My mom has a "Tower of jewels" plant (Echium wildpretii) in her yard and it is the most amazing bee buffet I have ever seen. I measured it at 12' 6" tall last month and it's probably 13+' by now. It just hums with bees all day every day and it's been blooming for nearly 2 months. If you live in a happy zone where it will grow I would highly recommend it as a bee friendly plant. It's clearly quite content in zone 9a in California. I may try and plant a row of them for a windbreak near my hives. Wikipedia-Echium wildpretii

Here's my moms Tower of jewels. The bees love the Nasturtiums also...









And here's a little lady feeding on it. One of 100 or more bees that are on it right now. She looks pretty high mileage with those ragged wing tips..


----------



## beepro

Very nice pics!

Where can I get the seeds or the plantlets?
And how long the plant will live, annual or biannual?


----------



## tim8557

I just sent this to my son who is an horticulturist to see if it would grow in SW Ohio, and if so, availability.


----------



## odfrank

If it is 13' tall I wonder if it is Echium pininana instead? You will be disapointed with it as a windbreak. They die after blooming.


----------



## odfrank

tim8557 said:


> I just sent this to my son who is an horticulturist to see if it would grow in SW Ohio, and if so, availability.


If it gets below 25F for a few days I doubt it will make it.


----------



## BeeBop

beepro said:


> Where can I get the seeds or the plantlets?
> And how long the plant will live, annual or biannual?


It's a biennial and allegedly flowers the second year then dies. 
This one I think was started last fall so it's not a year old yet but it's obviously flowering anyway. Someone gave it to my mom. It was in a 16" pot (it's still in the pot but is rooted through the drain holes into the ground) and it was maybe 18" tall early this spring. Most of the literature I've found says they grow to be 3' to 10' tall. This one has grown tremendously fast and is currently 14' 5" tall and over 24" diameter at the base of the bloom. 
It's been blooming for 2 full months now and I can't even guess how many thousands of flowers it has on it. It's really quite amazing and the bees seem to think so too.

The seeds are apparently available quite a few places on line.
I suspect that this one will have a ton of seeds at the end of the year. If it does then maybe I'll offer up some of them to interested beeks.



odfrank said:


> If it is 13' tall I wonder if it is Echium pininana instead?


Errr... ummm.... well shoot, now I dunno. :scratch:
Mom said her friend said it was called Tower of Jewels and when I looked that up I came up with Echium wildpretii. But now that I've seen your photo and looked up Echium pininana I'm thinking maybe you're right. Hmm.

What ever it is it sure is a tall one. I hope it produces a lot of seeds.
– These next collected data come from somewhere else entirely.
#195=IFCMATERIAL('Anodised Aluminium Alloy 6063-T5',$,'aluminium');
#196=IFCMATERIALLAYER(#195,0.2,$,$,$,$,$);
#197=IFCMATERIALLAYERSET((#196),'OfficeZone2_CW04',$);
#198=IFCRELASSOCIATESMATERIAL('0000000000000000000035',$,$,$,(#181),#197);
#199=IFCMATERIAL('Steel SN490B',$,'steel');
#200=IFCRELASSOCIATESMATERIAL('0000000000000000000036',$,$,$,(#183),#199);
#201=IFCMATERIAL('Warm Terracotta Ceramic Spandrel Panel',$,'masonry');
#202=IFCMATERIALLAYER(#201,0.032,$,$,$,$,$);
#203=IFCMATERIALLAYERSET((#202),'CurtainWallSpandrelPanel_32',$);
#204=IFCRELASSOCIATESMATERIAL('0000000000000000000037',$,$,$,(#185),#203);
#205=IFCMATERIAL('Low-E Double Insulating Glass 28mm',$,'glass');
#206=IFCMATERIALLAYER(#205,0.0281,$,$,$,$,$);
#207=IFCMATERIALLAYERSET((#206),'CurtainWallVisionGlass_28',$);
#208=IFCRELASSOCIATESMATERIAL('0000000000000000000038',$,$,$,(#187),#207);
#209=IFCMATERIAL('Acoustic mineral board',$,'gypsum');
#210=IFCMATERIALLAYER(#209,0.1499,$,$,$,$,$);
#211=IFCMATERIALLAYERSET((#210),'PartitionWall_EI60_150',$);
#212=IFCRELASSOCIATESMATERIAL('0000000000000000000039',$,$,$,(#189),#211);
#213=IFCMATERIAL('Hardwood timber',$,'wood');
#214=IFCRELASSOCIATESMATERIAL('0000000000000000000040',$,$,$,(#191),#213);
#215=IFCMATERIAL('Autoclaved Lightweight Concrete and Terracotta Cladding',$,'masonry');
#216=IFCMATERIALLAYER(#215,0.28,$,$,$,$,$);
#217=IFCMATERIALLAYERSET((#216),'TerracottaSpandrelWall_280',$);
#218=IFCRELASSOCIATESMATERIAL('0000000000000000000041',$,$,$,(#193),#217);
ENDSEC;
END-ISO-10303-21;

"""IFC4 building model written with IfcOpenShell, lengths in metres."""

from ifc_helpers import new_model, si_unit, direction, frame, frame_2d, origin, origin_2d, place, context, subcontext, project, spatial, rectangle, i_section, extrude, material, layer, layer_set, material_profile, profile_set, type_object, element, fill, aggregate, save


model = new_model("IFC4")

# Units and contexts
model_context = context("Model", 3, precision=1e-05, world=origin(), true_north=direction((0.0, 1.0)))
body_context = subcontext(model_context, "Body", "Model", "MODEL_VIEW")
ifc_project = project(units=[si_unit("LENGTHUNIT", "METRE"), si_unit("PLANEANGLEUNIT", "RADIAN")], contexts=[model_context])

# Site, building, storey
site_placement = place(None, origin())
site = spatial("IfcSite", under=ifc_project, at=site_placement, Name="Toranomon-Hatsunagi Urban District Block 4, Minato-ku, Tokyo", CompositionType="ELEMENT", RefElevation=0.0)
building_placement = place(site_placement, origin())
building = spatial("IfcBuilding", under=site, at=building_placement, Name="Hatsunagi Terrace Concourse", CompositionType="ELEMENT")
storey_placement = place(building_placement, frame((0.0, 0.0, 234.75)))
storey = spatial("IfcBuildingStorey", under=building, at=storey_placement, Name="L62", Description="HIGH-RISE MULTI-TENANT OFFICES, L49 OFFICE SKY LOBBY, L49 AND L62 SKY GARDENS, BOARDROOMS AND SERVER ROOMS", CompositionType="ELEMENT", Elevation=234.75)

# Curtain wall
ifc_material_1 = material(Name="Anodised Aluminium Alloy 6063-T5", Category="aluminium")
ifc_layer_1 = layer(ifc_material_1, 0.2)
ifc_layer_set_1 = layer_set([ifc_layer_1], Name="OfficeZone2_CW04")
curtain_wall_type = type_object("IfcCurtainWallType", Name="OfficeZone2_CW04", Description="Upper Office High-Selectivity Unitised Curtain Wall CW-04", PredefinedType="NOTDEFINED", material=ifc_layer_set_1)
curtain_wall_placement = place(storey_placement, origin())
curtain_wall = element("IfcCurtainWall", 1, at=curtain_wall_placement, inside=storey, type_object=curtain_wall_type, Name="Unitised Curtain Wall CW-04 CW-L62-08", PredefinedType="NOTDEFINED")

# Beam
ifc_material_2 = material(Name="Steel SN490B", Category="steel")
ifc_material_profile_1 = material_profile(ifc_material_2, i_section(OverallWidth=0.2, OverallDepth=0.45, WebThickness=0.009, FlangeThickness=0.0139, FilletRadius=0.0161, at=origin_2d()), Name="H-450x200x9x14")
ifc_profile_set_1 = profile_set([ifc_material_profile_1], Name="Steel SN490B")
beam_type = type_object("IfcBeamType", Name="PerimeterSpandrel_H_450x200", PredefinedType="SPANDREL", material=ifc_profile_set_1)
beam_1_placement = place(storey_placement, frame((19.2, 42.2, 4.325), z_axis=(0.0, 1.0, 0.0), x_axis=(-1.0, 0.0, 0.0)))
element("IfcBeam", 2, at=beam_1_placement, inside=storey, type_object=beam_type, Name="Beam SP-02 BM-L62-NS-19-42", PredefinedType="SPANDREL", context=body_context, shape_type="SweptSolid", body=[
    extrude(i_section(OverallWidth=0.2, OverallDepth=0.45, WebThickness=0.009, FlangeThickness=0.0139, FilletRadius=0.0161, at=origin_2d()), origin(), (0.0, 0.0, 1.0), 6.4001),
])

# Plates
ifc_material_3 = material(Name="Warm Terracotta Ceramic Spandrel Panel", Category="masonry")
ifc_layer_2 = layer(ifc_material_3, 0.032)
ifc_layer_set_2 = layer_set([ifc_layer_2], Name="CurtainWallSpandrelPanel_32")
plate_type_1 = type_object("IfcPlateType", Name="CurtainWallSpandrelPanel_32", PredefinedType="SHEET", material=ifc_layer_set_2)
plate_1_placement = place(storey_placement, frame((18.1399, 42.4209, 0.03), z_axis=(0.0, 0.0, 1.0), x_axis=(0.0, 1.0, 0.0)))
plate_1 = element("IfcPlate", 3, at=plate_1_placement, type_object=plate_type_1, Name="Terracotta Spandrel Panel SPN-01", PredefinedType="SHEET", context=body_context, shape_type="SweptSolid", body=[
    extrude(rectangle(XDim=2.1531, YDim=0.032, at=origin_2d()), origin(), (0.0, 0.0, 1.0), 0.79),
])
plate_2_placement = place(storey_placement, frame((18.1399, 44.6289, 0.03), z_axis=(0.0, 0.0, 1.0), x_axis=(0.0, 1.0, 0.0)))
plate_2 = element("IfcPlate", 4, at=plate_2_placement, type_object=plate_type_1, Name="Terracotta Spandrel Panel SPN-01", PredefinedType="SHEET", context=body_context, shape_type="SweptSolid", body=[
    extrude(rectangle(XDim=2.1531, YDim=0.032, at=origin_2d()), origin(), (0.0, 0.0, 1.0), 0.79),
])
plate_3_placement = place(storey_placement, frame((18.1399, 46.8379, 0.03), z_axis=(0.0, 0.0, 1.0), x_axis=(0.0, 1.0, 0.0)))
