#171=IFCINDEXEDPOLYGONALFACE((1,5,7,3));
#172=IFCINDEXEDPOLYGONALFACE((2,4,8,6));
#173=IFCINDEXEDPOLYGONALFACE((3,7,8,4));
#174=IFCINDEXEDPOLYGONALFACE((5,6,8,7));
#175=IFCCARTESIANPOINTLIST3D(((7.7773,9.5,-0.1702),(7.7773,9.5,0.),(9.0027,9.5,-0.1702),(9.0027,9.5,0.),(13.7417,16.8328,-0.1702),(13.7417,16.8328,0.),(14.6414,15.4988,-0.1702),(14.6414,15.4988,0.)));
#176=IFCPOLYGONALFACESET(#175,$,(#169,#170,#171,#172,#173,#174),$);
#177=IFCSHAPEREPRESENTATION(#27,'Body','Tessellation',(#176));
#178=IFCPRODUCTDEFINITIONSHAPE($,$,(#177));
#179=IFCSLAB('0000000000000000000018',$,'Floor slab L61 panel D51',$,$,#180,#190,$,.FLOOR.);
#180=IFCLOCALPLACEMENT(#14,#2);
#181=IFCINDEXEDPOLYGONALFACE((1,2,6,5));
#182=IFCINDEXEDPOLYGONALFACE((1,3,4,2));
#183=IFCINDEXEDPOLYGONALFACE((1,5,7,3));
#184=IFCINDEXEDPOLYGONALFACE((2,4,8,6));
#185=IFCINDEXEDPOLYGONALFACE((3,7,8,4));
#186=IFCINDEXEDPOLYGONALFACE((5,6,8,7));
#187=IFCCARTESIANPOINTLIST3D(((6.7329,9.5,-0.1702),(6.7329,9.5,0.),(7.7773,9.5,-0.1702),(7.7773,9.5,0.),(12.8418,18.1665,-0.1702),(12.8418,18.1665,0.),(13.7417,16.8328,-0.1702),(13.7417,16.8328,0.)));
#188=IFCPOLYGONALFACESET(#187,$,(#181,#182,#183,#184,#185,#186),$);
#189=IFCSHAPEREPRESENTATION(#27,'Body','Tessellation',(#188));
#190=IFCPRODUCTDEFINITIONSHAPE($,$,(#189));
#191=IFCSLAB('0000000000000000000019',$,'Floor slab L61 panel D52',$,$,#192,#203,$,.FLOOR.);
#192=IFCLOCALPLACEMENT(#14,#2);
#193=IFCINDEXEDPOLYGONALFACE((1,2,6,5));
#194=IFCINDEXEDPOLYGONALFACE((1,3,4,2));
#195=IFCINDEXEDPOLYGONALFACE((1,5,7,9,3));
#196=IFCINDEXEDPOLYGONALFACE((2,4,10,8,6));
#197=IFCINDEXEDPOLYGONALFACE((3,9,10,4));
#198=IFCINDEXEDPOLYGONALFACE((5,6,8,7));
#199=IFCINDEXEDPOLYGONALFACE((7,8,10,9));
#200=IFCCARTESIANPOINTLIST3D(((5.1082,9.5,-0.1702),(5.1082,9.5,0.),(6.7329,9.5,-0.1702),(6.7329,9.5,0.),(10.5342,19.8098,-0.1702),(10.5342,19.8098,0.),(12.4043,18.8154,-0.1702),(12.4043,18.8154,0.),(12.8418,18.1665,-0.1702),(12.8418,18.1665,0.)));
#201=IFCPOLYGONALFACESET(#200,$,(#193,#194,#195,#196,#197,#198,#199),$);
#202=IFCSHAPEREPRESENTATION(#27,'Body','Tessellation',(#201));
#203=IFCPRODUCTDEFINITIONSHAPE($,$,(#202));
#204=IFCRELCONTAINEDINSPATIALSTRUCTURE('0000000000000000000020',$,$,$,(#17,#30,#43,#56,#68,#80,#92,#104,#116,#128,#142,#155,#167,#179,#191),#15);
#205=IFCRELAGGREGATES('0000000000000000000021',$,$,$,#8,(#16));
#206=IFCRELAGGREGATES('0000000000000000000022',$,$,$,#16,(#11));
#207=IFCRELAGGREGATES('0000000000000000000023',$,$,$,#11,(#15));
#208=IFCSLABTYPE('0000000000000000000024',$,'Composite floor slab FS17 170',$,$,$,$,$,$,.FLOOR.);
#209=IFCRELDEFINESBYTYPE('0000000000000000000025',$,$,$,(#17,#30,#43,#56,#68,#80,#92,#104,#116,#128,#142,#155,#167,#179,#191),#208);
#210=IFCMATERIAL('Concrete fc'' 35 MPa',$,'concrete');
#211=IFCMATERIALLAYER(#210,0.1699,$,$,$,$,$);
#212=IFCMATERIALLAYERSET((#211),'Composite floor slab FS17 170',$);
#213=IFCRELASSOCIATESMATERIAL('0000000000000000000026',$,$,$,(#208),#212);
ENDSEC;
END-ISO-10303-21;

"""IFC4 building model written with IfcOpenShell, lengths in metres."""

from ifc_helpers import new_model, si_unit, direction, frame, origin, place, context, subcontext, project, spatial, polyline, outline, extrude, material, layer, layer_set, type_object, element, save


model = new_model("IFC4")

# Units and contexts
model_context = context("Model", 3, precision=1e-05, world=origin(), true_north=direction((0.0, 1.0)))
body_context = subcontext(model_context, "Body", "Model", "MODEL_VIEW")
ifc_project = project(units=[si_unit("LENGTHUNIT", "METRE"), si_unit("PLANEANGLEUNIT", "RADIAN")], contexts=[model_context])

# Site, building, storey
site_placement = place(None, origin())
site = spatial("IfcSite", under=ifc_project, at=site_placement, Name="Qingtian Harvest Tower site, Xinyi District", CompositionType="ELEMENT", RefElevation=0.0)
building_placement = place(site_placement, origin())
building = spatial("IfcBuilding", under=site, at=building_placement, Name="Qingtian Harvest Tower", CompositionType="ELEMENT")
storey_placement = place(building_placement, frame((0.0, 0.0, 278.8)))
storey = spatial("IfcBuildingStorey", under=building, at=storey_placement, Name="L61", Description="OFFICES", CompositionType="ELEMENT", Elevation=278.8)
Here's a current (today) photo of it. It's gotten a lot fatter in the last couple of weeks. The bees are having a great time with it.


----------



## beepro

Yes, you will have a lot of seeds this season from that plant since the bees are on it.
I would like to have some of its seeds if you don't mind sending.
I can send you the white and/or blue Borage seeds, the nyger seeds, 
and the sainfoin seeds too. I also have the rare purple color collard seeds available now.
PM me if you are interested.


----------



## BeeBop

Well, this crazy Echium is still blooming. It's been about 3-1/2 months now since it started to bloom.
It's the first thing I find bees on in the morning and the last thing I see bees on at night. They really love it. I'm sure it has had MILLIONS of bee visits by now. It's probably had a million flowers by now with many visits per flower.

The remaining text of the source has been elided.